People leave. People forget. People get busy. But a well-written skill persists. It's organisational knowledge management that actually works, because the consumer (the AI agent) follows instructions literally and completely.
This isn't about replacing experts. It's about **scaling** their expertise. One expert writes the skill. Every agent in the organisation benefits.
---
## Composability and Community
Skills are modular by design:
- **Shareable** — Package a skill and hand it to another team or publish it
- **Versionable** — Track changes, roll back, evolve with your processes
- **Stackable** — Multiple skills can be available simultaneously; the agent picks the right one
- **Discoverable** — Skill descriptions form a searchable catalogue
### ClawHub: A Marketplace of Expertise
Skills can be shared through ClawHub — discovered, installed, and composed by anyone running an OpenClaw agent.

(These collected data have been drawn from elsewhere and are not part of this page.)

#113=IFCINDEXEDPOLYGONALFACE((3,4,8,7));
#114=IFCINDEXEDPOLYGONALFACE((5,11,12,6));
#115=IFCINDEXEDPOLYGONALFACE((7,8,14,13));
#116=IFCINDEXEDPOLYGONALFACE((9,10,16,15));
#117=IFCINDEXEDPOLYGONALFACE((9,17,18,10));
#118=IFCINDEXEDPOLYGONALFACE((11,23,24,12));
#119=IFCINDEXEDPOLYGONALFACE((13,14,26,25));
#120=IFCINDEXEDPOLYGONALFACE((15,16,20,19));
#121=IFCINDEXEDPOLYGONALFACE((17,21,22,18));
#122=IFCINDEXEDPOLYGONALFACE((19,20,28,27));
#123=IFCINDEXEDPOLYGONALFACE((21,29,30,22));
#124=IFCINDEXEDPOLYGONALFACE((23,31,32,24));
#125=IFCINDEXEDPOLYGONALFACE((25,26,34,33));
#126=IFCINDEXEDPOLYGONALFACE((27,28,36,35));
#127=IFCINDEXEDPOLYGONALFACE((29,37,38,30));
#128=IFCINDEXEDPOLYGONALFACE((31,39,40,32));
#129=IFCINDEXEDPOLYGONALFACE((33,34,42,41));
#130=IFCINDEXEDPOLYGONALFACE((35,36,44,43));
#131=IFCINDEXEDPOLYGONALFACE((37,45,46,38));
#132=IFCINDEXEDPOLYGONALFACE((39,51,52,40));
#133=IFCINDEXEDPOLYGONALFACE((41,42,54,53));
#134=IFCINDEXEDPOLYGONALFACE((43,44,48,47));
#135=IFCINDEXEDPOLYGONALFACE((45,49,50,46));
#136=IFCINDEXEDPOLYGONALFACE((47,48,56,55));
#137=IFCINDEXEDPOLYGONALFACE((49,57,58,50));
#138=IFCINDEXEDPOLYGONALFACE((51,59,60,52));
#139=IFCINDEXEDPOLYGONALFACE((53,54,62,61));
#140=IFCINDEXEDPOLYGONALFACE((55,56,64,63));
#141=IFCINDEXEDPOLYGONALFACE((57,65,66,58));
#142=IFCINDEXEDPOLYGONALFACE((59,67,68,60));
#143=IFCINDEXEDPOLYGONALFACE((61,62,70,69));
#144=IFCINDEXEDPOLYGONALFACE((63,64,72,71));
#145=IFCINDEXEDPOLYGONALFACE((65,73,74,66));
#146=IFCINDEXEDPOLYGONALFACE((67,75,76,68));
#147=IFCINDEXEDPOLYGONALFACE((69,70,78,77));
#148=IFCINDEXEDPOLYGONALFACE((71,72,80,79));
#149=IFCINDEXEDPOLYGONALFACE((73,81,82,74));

This creates a flywheel:
1. Someone solves a problem well and writes a skill
2. They share it
3. Others use it, improve it, contribute back
4. The collective expertise grows
It's open-source knowledge, but structured for AI consumption.
---
## Summary
Skills solve two problems at once:
- **Efficiency** — Load expertise on-demand instead of bloating every interaction
- **Reliability** — Follow defined SOPs instead of improvising on critical tasks
They also unlock something bigger: a way to capture, share, and scale human expertise through AI agents. Not replacing the expert — amplifying them.
The question isn't whether your agents need skills. It's what expertise you'd encode first.